FCS + two photon?

Dear List,

Great discussion……

With regards to the previous comments by Jose on lenses I just stumbled across what sounds like a fantastic lens for multiphoton applications.

It is a 25x dipping lens with a correction collar so that it can be used with a coverslip as well and presumably can be tweaked in between for Spherical Abberations caused by the specimen. Olympus claim that when used on their FV1000-MPE  the exit pupil is completely filled. So the  full 1.05 NA of the objective should deliver high resolution images.

With this lens I presume we should be able to work at low power, and then optically zoom in for high power images without changing objectives.

See the following link for details.

http://www.olympusamerica.com/cpg_section/cpg_headlineDetails.asp?pressNo=562

No commercial affiliation with Olympus, other than I’m waiting delivery of a FV1000-MPE system. I think I know what lens to ask for….

-----Original Message-----
From: Confocal Microscopy List [mailto:[hidden email]] On Behalf Of "José A. Feijó"
Sent: Saturday, 8 December 2007 1:42 AM
To: [hidden email]
Subject: Re: Deep penetration in tissue with two photon

we published some of our own evaluations of Nikon lenses in Protoplasma, 223:132, 2004
all the plan-fluo lenses are decisivly more transmissive the Plan-Apo, specially above 850 nm, in which the later are basically useless. We end up finding the better one being the S-Fluo, ironically developed for UV quantification purposes (don't know if it still exists in the Nikon catalogue). The situation may have changed though, all these were comercial lenses in 1999-2000. Meanwhile we found out that some Leica lenses make suprisingly good jobs as well in the Nikon/Bio-rad platform, so it's always usefull to spend some time with the available lenses and a real application, no matter how "strange" these optics marriages may sound in the beggining. We don't have experience with Olympus lenses, but they always had a reputation of high transmitance.

Craig Brideau escreveu:

Search the CONFOCAL archive at

http://listserv.acsu.buffalo.edu/cgi-bin/wa?S1=confocal

Our own lab has found that modifying confocal microscopes for 2-photon

is a tricky business.  As mentioned before, an AOM will cause problems

with the laser.  If there is any way to bypass the AOM in your system,

or simply remove it, this will help.

Another issue is optics and objectives.  Most optics and objectives

are designed for the visible range rather than the NIR.  From my own

experience certain medium-high-end Nikon and Olympus lenses tend to

have the best NIR performance, and most others are terrible; absorbing

90% or more of the light.  A crude test is to use a laser power meter

to measure the power after your objective. Place the detector head

some distance away where the light is diverging but still all of it

hits the detector surface; the focal point can damage your detector.

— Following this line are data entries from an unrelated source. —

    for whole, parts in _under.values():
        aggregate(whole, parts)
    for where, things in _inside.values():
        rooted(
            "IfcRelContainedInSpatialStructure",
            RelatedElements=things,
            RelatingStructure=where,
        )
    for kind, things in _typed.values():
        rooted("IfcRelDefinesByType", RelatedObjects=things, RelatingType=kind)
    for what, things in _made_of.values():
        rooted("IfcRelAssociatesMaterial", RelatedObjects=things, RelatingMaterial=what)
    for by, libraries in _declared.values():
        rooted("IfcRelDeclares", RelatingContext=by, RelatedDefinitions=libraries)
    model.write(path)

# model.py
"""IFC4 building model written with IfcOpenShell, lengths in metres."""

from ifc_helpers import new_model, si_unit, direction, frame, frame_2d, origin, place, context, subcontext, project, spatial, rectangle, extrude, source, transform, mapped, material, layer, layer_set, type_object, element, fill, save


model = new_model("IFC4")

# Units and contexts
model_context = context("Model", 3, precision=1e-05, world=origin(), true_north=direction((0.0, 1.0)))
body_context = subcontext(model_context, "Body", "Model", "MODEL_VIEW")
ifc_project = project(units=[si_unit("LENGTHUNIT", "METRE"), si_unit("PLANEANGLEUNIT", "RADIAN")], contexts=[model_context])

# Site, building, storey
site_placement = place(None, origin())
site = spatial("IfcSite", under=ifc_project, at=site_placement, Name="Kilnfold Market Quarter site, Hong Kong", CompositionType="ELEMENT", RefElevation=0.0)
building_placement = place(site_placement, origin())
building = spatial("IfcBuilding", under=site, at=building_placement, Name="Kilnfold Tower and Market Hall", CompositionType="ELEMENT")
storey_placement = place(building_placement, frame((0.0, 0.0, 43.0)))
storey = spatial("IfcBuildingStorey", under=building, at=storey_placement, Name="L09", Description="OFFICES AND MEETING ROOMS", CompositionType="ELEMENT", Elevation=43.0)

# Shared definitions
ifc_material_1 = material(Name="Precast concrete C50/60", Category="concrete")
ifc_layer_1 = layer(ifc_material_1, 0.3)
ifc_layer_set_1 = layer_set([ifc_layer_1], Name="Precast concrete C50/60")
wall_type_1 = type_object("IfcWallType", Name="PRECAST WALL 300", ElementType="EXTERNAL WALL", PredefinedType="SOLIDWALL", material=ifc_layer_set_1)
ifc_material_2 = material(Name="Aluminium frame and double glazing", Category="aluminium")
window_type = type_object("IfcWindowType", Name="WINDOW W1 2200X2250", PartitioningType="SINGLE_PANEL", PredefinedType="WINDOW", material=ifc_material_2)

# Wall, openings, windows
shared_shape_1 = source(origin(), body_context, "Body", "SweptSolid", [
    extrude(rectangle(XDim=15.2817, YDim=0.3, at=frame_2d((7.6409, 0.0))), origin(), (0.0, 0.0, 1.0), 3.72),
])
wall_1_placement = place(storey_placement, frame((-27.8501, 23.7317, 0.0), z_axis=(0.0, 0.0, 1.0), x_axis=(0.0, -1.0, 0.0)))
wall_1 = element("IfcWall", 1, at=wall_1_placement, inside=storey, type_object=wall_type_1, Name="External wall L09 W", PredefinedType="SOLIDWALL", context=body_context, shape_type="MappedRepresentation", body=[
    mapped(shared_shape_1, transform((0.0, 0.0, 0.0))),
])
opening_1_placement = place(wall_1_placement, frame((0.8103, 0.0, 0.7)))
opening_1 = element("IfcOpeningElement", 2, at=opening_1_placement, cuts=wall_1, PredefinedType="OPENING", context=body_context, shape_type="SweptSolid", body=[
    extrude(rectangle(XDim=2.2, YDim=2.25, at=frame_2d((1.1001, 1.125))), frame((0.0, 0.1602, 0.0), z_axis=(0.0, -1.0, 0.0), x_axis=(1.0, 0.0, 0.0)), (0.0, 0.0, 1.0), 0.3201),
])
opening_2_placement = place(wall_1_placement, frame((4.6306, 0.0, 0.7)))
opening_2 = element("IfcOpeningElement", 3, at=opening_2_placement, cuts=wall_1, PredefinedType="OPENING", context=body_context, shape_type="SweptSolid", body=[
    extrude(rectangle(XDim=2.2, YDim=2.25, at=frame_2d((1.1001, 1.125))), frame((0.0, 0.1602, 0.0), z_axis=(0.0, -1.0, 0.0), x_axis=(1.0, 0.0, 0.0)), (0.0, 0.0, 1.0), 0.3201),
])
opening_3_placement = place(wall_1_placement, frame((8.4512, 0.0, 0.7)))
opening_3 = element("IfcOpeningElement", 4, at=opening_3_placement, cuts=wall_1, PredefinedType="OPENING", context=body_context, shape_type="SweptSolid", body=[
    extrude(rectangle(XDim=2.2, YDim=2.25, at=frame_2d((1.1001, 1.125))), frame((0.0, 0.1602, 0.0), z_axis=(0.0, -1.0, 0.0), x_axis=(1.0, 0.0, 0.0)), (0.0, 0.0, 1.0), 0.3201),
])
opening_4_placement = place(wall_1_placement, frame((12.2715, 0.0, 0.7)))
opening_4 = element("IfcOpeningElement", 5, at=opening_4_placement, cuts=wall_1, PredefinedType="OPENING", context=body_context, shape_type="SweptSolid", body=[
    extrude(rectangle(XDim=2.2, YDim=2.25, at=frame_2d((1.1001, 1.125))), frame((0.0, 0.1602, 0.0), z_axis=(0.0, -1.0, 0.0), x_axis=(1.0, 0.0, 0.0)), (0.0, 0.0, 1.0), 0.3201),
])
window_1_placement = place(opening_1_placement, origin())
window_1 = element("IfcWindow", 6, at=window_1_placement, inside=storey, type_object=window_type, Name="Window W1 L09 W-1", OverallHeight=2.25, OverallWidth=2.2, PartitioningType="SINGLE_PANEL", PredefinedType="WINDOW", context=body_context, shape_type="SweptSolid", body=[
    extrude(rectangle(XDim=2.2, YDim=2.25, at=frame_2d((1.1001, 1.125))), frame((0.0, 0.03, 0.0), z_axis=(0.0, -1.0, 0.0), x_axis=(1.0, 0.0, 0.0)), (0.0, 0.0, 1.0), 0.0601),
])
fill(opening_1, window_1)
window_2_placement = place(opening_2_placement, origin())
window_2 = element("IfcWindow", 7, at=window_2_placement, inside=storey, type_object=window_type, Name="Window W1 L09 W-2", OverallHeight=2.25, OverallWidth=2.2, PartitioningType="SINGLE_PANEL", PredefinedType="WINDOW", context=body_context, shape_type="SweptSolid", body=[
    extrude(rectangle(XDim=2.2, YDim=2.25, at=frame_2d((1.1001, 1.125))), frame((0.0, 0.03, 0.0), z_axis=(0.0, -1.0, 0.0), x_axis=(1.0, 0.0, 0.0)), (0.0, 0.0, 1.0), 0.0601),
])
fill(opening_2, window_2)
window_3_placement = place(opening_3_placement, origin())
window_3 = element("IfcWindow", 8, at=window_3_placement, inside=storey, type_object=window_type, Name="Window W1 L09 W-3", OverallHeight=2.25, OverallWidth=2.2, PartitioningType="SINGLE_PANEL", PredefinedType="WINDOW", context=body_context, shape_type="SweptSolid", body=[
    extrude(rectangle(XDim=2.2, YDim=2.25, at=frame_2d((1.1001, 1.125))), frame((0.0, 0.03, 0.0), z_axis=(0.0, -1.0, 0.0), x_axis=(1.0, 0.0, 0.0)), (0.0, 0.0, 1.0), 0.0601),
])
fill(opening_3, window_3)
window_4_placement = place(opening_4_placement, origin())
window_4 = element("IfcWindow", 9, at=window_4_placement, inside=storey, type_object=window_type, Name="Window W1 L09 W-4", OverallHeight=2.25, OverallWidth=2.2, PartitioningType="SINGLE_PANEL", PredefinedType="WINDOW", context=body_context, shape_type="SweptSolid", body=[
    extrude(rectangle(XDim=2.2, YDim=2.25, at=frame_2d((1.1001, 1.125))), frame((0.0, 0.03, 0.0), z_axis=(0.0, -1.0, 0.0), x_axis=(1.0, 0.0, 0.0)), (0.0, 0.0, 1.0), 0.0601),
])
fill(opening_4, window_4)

Compare this to the power before the microscope to get your system

losses.  Don't be afraid to ask your manufacturer for the NIR

transmission spectrum for your lenses.

Craig

On Dec 7, 2007 5:06 AM, "José A. Feijó" [hidden email] wrote:

Search the CONFOCAL archive at

http://listserv.acsu.buffalo.edu/cgi-bin/wa?S1=confocal

thanks George, it's good to hear about good experiences (and definitely

you raise out some good points). But again 10x and 770nm may not be what

most people expect out of a 2P. And sure enough, Hoechst and DAPI are

"the" perfect 2P dyes!

George McNamara escreveu:

Search the CONFOCAL archive at

http://listserv.acsu.buffalo.edu/cgi-bin/wa?S1=confocal

Hi Jose,

Thanks for the great post!

On City of Hope's multiphoton rig, with a Chameleon split between two

LSM510's (see Brian Armstrong's e-signature), I had no problem imaging

hundreds of um into freshly excised mouse brain stained with Hoechst

for 30 minutes (perfusion fixed - handy to flush the blood out). 10x

objective lens. Try 770 nm excitation, 10 ug/mL Hoeschst (do initial

dilution from 10 mg/mL bottle into dH2O), then can dilute into

whatever the brain is in. 770 nm is also optimal for several (not

all!) Alexa dyes according to a JBO article by Mary Dickinson - so

Alexa Fluor 488 tomato lectin could be used to label blood vessels

immediately before sacrificing the mouse.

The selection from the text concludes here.